Radiation Biology Section, Biomedical Physics Department, King Faisal Specialist Hospital and Research Centre, Riyadh, Saudi Arabia.
Experimental Radiation Oncology Department, University of Texas M.D. Anderson Cancer Center, Houston, TX, United States.
Front Public Health. 2021 Jun 7;9:647563. doi: 10.3389/fpubh.2021.647563. eCollection 2021.

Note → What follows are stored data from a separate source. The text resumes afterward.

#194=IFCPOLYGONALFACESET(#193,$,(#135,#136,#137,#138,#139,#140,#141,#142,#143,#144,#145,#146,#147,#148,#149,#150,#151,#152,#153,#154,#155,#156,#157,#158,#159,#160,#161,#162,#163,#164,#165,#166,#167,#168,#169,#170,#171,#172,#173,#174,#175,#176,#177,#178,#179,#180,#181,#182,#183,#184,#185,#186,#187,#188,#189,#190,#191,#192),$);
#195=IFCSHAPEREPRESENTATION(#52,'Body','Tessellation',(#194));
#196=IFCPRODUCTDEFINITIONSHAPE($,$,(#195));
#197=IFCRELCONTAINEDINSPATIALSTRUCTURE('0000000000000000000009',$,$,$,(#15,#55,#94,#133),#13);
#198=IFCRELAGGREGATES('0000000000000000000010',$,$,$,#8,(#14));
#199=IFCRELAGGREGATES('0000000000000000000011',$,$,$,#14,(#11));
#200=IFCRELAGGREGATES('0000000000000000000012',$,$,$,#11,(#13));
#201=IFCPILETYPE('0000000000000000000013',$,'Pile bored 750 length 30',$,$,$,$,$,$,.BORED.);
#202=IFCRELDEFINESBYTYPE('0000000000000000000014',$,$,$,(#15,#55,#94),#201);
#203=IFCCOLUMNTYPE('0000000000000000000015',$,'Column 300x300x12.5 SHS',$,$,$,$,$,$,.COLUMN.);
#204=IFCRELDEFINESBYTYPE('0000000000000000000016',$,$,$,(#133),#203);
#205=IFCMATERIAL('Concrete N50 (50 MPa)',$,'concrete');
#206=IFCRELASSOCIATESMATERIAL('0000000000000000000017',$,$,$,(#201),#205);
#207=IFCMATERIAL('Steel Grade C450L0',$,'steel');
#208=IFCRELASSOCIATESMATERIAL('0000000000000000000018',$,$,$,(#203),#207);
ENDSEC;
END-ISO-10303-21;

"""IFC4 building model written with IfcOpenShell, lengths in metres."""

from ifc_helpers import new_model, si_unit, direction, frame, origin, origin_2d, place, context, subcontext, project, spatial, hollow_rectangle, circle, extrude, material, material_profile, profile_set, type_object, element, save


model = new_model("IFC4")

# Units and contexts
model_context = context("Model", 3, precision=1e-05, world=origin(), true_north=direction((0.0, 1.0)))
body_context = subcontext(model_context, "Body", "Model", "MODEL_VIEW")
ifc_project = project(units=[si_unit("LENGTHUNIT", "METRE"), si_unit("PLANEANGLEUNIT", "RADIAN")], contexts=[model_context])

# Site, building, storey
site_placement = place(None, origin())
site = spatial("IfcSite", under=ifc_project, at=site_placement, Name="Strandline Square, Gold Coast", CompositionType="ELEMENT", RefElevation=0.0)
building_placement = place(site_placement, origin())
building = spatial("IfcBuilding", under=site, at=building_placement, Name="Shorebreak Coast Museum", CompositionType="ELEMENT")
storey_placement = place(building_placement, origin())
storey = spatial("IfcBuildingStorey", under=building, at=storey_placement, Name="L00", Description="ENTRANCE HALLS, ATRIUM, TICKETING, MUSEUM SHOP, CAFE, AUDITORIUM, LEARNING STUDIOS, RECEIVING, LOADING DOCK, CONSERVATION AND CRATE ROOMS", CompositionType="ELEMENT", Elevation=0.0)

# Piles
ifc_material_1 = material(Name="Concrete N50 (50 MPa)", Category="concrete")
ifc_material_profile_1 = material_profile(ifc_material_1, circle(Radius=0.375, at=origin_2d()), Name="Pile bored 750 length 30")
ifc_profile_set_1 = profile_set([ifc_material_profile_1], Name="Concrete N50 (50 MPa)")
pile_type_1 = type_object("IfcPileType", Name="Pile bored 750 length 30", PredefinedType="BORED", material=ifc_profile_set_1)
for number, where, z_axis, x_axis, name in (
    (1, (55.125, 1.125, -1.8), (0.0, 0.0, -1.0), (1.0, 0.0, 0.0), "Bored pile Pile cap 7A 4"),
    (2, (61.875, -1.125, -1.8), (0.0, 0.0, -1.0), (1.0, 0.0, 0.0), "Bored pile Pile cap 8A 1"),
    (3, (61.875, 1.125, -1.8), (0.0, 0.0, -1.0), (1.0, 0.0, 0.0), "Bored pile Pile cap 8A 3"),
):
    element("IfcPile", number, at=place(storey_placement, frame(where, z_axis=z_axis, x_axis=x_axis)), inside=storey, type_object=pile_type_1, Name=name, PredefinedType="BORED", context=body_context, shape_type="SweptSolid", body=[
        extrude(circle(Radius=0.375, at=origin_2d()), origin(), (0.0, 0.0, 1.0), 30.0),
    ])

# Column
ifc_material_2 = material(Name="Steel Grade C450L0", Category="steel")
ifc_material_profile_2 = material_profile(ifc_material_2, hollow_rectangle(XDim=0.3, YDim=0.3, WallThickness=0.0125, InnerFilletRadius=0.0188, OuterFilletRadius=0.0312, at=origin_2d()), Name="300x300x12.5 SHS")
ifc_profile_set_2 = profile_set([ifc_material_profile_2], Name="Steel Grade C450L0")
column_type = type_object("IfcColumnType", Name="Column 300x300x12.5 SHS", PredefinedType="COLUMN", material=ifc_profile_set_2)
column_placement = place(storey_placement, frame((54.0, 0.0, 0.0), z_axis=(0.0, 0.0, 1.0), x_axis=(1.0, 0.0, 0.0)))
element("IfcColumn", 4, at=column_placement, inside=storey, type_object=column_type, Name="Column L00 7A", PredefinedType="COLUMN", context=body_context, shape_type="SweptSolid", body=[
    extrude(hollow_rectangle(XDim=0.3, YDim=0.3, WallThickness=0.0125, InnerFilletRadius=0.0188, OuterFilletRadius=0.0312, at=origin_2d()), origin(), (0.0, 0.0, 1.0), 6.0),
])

We tested the hypothesis that differences in DNA double-strand break (DSB) repair fidelity underlies differences in individual radiosensitivity and, consequently, normal tissue reactions to radiotherapy. Fibroblast cultures derived from a radio-sensitive (RS) breast cancer patient with grade 3 adverse reactions to radiotherapy were compared with normal control (NC) and hyper-radiosensitive ataxia-telangiectasia mutated (ATM) cells. DSB repair and repair fidelity were studied by Southern blotting and hybridization to repetitive sequence and to a specific 3.2-Mbp I restriction fragment on chromosome 21, respectively. Results for DNA repair kinetics using the I fidelity assay showed significant differences ( < 0.001) with higher levels of misrepaired (misrejoined and unrejoined) DSBs in RS and ATM compared with NC. At 24-h postradiation, the relative fractions of misrepaired DSBs were 10.64, 23.08, and 44.70% for NC, RS, and ATM, respectively. The assay showed significant ( < 0.05) differences in unrepaired DSBs only between the ATM and both NC and RS at the time points of 12 and 24 h. At 24 h, the relative percentages of DSBs unrepaired were 1.33, 3.43, and 12.13% for NC, RS, and ATM, respectively. The comparison between the two assays indicated an average of 5-fold higher fractions of misrepaired (I assay) than unrepaired ( assay) DSBs. In conclusion, this patient with increased radiotoxicity displayed more prominent misrepaired than unrepaired DSBs, suggesting that DNA repair fidelity is a potential marker for the adverse reactions to radiotherapy. More studies are required to confirm these results and further develop DSB repair fidelity as a hallmark biomarker for interindividual differences in radiosensitivity.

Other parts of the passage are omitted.